American Empire Gives a False Sense of Domestic Security
America’s strategic distraction has favored addressing foreign threats and those domestically with a foreign aspect, leaving a wide space for domestic extremism to go unchecked.
IT IS true and a great point of national pride that the United States was the first modern experiment in democracy and that her founding documents inspired dozens of other countries’ forms of representative government. But that sense of exceptionalism has become interpreted as indispensable and exceptional in the world instead of exceptional at home. It is not merely the money lavished on overseas adventures, but that disproportionate amount of money represents America’s priorities. The United States is now paying that price by neglecting the educational and economic prospects of the people who feel forgotten, ignored, and they are unprepared to function effectively in twenty-first-century America. Their lack of basic civics knowledge, lack of media literacy, lack of critical thinking in a contested information environment, and mistrust of government institutions combined to threaten American national security from within.
For the shameful display in the Capitol, America found itself uncomfortably on the wrong side of the sort of canned foreign government press statements that it is only ever accustomed to dishing out from the State Department briefing room. “We are following with concern the internal developments happening in the U.S.” stated the Turkish Foreign Ministry. Taking a page from the well-worn playbook of American moral authority, the Turks added: “We call on all parties in the U.S. to maintain restraint and prudence.” Such thinly veiled trolling suggests that autocrats around the world must have enjoyed how the tables of smug righteousness have turned. Even the developing world pulled no punches in their commentary upon the shambles. “Who’s the banana republic now?” asked Kenya’s largest daily newspaper.
While autocratic, corrupt, and repressive regimes are not comparable to America, it will fall to other Western democracies to hold the megaphone of accountability. Surely, American officials can no longer comment on other countries’ elections no matter the scale of the farce—because, at least in the short term, they lost the moral authority to monitor or criticize other elections. Eight members of the Senate—supposedly the “world’s greatest deliberative body”—joined 139 members of the House of Representatives who objected to certifying the electoral college vote prior to a special commission report investigating allegations of election irregularities, apparently mirroring millions of Americans in falsely claiming that the election was “rigged” and riddled with “irregularities,” therefore producing an “illegitimate” outcome. So illegitimate, in fact, that some rioters shed the blood of fellow Americans, and were prepared to shed much more. Indeed, America’s moral authority and example are badly tarnished, and simply closing the chapter on the Trump administration does not relegate the damage to dusty history books chronicling a mere aberration in U.S. history.
Given the self-inflicted wounds of the Trump administration’s dying days, the beginning of the Biden administration seems an opportune time to link a period of national healing to a national strategic reset. Instead of another reset button with Vladimir Putin, the United States needs to renew itself. America’s strength, built in part on the ideas of John Locke, requires the consent of the governed. Likewise, it requires a government that has earned its citizens’ consent through good governance and trust. In his view of republicanism, Thomas Jefferson argued that part of civic virtue was uplifting the common people and preparing them to take part in the great experiment in self-governance. For it to function properly, America needs an educated society that understands—at a factual level—how their country works, knows what their civic duties are, and respects the rule of law—America’s “political religion” according to Lincoln. That will take a massive investment in American education, but not the tendentious weaponization of American history as represented both by the highly-flawed 1619 Project or the flag-waving “patriotic education” offered by the 1776 Commission.

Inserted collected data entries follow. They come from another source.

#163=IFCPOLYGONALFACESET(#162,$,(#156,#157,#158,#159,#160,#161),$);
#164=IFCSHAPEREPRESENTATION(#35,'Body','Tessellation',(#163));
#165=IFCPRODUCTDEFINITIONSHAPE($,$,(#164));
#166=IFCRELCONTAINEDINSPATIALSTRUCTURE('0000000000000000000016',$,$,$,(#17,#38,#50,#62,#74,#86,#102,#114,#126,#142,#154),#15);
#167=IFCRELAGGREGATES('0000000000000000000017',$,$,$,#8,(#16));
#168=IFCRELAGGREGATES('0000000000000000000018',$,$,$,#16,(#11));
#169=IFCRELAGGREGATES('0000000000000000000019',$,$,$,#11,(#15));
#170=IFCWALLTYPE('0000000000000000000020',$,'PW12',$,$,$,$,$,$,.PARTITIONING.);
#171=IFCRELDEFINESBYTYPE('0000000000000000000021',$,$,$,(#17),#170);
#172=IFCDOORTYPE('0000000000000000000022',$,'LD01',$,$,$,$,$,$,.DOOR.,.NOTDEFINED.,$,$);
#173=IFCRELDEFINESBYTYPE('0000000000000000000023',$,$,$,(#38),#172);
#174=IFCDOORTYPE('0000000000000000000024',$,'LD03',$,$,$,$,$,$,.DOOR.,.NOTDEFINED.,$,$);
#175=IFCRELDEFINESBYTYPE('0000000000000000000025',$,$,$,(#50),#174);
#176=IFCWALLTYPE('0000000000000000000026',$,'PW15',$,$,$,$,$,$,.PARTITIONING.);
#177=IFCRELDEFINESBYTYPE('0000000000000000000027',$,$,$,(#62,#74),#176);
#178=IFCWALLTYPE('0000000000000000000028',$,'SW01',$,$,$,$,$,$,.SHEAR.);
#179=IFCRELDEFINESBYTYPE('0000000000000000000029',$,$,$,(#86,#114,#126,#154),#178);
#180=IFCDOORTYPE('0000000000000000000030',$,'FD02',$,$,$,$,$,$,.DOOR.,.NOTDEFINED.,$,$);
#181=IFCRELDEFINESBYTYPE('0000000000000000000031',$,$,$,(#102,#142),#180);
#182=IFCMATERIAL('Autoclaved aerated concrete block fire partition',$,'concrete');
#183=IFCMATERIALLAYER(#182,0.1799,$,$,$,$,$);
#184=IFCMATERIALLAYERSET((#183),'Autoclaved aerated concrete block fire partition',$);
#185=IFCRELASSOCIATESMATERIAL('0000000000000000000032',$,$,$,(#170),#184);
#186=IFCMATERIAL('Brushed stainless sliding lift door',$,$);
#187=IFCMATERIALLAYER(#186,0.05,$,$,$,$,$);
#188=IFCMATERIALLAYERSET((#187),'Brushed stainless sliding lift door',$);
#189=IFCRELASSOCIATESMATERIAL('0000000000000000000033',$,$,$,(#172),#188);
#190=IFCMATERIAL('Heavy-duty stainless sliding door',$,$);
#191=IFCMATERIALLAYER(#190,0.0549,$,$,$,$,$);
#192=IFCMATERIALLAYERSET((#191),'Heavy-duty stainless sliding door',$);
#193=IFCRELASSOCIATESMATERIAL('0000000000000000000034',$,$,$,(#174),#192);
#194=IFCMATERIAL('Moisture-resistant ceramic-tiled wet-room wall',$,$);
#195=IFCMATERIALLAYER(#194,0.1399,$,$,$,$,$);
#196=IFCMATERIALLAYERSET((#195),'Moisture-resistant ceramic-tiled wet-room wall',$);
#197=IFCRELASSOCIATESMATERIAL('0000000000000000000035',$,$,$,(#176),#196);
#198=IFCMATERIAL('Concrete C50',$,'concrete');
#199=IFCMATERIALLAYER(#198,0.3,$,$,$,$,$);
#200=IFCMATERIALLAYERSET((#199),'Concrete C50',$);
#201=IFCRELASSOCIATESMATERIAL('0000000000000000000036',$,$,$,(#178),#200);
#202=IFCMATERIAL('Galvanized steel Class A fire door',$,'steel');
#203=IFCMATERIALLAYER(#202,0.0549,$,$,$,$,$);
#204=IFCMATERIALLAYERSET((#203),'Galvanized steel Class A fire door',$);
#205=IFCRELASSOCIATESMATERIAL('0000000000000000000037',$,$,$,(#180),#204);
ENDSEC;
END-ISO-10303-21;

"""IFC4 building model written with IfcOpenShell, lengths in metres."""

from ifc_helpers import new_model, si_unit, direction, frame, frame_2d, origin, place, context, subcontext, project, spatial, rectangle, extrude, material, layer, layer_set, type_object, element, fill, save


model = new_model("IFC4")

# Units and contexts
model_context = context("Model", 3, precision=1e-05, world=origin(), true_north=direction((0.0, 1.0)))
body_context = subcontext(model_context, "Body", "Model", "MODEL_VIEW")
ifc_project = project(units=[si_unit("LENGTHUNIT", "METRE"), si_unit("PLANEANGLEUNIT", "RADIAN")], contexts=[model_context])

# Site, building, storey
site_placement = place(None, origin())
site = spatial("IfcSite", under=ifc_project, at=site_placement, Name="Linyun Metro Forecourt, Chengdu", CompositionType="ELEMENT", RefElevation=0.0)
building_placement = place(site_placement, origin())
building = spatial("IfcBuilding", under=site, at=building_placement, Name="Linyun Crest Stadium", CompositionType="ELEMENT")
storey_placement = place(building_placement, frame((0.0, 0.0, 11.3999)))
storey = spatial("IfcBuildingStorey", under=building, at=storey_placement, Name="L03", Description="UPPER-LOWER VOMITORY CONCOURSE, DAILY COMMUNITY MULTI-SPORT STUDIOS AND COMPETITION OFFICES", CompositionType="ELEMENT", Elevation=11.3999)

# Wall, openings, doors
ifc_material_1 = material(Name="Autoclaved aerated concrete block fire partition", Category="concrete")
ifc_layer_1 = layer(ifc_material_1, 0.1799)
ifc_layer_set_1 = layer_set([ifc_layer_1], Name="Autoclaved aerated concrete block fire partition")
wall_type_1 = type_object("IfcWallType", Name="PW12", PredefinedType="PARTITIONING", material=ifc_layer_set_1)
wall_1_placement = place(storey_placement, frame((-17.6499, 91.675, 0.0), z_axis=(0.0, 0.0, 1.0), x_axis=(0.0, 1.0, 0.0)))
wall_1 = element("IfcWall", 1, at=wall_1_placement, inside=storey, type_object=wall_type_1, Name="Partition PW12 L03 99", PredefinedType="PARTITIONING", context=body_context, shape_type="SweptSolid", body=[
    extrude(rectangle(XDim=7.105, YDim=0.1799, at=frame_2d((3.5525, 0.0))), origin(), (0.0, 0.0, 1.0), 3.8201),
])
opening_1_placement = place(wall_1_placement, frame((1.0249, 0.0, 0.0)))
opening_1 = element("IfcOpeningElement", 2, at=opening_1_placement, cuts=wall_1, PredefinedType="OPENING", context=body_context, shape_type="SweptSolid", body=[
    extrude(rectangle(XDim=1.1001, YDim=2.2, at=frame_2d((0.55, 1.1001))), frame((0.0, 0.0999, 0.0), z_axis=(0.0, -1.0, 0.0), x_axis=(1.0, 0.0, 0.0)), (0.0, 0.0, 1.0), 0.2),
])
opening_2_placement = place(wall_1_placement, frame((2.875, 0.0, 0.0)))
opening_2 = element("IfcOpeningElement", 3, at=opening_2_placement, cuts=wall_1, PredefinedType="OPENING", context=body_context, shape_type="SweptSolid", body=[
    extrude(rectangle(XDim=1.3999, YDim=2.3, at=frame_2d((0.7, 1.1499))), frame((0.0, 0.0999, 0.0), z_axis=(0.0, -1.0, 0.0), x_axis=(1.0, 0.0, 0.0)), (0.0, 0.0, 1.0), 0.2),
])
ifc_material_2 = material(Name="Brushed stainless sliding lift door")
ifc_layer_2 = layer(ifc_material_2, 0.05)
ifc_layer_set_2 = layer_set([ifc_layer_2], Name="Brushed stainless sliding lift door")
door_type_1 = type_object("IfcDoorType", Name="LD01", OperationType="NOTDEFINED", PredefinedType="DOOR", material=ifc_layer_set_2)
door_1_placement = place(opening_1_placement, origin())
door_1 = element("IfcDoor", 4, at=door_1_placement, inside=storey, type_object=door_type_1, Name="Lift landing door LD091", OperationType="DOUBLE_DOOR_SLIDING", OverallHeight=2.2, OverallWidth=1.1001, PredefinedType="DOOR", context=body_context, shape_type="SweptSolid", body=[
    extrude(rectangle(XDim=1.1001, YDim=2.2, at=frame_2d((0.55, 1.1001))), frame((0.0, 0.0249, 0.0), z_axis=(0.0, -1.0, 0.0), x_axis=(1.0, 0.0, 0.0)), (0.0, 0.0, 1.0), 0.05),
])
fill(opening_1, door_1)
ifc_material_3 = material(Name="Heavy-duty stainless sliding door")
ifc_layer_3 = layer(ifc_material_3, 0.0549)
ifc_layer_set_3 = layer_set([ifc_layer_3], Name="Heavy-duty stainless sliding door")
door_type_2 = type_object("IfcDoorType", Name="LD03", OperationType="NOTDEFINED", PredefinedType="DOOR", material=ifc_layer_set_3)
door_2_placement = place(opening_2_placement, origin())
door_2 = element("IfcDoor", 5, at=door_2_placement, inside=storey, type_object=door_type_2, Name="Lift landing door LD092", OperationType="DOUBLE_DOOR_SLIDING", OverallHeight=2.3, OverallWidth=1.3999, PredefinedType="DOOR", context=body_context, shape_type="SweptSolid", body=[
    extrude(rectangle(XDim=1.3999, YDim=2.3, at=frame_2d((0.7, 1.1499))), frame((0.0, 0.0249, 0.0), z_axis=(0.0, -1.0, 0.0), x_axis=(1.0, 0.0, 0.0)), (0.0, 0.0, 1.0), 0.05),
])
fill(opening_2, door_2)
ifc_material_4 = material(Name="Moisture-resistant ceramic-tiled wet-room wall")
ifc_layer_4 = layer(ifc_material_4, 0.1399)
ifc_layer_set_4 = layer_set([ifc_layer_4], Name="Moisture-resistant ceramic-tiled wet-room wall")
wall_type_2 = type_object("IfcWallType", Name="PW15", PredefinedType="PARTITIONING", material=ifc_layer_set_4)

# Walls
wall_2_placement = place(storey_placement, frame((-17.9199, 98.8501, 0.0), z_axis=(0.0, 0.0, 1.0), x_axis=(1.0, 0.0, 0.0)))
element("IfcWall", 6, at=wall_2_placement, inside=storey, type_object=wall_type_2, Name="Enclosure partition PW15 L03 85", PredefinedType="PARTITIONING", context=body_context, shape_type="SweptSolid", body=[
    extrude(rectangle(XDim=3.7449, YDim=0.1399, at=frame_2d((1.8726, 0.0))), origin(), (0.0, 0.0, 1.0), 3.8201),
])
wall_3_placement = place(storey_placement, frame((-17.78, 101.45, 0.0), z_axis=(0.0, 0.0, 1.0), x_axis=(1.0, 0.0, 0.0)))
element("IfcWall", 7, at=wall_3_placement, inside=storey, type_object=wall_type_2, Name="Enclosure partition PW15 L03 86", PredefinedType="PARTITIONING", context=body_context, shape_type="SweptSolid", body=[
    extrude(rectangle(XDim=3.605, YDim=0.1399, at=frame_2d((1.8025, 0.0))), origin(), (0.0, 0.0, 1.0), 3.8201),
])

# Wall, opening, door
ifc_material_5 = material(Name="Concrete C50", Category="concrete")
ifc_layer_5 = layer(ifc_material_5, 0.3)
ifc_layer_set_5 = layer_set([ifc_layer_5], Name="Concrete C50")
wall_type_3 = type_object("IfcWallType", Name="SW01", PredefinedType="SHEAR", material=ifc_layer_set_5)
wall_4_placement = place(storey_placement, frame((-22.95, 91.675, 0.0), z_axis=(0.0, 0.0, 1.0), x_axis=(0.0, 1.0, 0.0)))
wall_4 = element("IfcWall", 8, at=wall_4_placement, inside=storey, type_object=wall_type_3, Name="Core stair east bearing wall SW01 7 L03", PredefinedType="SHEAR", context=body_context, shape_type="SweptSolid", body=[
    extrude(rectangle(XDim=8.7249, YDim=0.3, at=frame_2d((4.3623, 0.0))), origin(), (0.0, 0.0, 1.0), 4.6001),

This period of crisis is an opportunity for national introspection and should not be squandered or quickly forgotten. We need to drink it in, to appreciate its severity, and to be humbled by it. Americans have looked at the brink, and thankfully most have recoiled. The Capitol insurrection may be recorded by future historians as another “crisis of confidence” in America, to borrow President Jimmy Carter’s phrase. A stunning number of Americans and a dismaying number of their cynical elected officials lost confidence in America’s electoral processes, institutions, judges, and the rule of law. This must be regained for America to endure and once again shine as an example to the world. If we do not, we will have no foreign enemy to blame. Lincoln had it right: “If destruction be our lot we must ourselves be its author and finisher. As a nation of freemen, we must live through all time or die by suicide.”
David V. Gioe is Associate Professor of History at the U.S. Military Academy at West Point, where he also serves as History Fellow for the Army Cyber Institute. He is a former Central Intelligence Agency operations officer and a veteran of the U.S. Navy. This analysis is his alone and does not represent the position of West Point, the Department of Defense, or the United States government.